3. Precision and consistency drill

It might take a long time for players to establish consistency and precision when learning how to toss the ball for their serve. This drill is excellent for beginners since it will help you create a more consistent and precise toss. Here's a rundown of how to do this drill!

Drop tennis balls in your basket.

The first step is to fill your basket or ball hopper halfway (or less) with tennis balls.

If the basket is too full or too empty, the ball will likely bounce out; therefore, filling it midway will keep the ball in place.

Position your basket

Grab your basket, position yourself along the baseline near the center mark, set your serve stance, and place your basket 12-18 inches in front of your left foot and 3-6 inches to the right.

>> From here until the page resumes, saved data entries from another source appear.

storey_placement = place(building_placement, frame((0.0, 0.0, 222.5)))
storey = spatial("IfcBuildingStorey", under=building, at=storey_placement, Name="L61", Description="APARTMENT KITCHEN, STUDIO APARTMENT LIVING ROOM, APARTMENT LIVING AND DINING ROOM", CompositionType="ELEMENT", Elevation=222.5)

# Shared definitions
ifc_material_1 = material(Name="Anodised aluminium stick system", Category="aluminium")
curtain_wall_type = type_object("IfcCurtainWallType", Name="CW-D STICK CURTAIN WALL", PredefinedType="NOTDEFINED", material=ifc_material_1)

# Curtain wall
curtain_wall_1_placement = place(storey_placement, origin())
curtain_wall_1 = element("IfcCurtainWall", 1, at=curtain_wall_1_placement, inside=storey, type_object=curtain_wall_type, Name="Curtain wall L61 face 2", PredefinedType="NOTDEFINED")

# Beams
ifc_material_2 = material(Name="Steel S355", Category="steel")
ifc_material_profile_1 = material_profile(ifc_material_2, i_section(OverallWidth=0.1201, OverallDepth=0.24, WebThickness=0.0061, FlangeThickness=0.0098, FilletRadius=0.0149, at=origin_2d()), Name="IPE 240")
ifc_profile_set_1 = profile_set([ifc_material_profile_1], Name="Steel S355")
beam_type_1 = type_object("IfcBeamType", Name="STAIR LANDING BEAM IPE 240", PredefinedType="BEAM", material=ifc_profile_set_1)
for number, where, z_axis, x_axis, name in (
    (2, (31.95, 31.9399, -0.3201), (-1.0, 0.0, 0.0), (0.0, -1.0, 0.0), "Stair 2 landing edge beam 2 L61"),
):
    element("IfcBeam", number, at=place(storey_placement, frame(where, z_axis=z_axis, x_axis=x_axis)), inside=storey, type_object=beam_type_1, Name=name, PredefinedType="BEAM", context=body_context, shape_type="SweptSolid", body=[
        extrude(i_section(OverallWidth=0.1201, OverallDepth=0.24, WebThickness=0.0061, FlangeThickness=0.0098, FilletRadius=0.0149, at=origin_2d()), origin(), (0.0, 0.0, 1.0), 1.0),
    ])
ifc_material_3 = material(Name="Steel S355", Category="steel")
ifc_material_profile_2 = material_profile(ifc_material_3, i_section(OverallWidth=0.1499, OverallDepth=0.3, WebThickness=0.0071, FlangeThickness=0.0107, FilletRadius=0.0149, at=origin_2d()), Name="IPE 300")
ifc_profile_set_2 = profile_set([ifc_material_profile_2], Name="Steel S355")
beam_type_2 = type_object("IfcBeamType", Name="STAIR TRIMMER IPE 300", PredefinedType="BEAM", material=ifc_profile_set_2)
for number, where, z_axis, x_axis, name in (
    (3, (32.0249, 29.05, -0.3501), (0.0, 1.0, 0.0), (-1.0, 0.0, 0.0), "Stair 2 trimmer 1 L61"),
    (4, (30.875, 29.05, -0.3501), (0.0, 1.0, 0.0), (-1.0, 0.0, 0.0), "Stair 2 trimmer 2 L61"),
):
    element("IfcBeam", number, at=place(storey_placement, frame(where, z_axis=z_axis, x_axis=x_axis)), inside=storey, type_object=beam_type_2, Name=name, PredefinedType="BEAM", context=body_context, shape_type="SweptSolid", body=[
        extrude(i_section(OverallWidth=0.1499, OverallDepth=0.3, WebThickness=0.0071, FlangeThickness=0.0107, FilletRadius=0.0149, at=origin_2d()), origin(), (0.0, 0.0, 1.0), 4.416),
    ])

If you're left-handed, reverse this.

If you don't have a basket, simply arrange your racquet or a spare racquet on the court such that the head of the racquet is where the basket would be.

You can also use a small container or bucket; all you need is a reasonably sized target for your toss.

Take a tennis posture and position yourself

After you've placed your basket, grab a tennis ball and position yourself in front of it.

Set your serve stance again so that the basket is around 3-6 inches to your right.

Toss the ball in the fourth step

Finally, with a ball in your hand, toss the ball up in the air and try to get it to land in the basket.

Use the full toss action and technique that we discussed above in this article.

This drill can be modified in a variety of ways

You might start by standing stationary in front of the basket, or you can incorporate the entire trophy pose.

If you're a novice, it can be beneficial to perform this drill without your racquet for a bit to develop a feel for the toss and practice your technique.

Consider including the whole trophy pose once you've gotten used to it because your toss will be very different standing still versus moving your entire body.

Final thoughts

If you play tennis, your toss is a pretty big deal!

It’s essential to focus on your toss because it is the beginning of a service motion that will lead you into building a powerful serve. 

A poor toss can be improved with time and patience, so don’t let it stop you from playing your best game.

Most players never improve their toss because they don’t follow the fundamentals of good tossing techniques. For those in this position, start by refining your height placement and consistency for your swing.

Remember, top players like Roger Federer and John Isner practice their game, and practice makes perfect!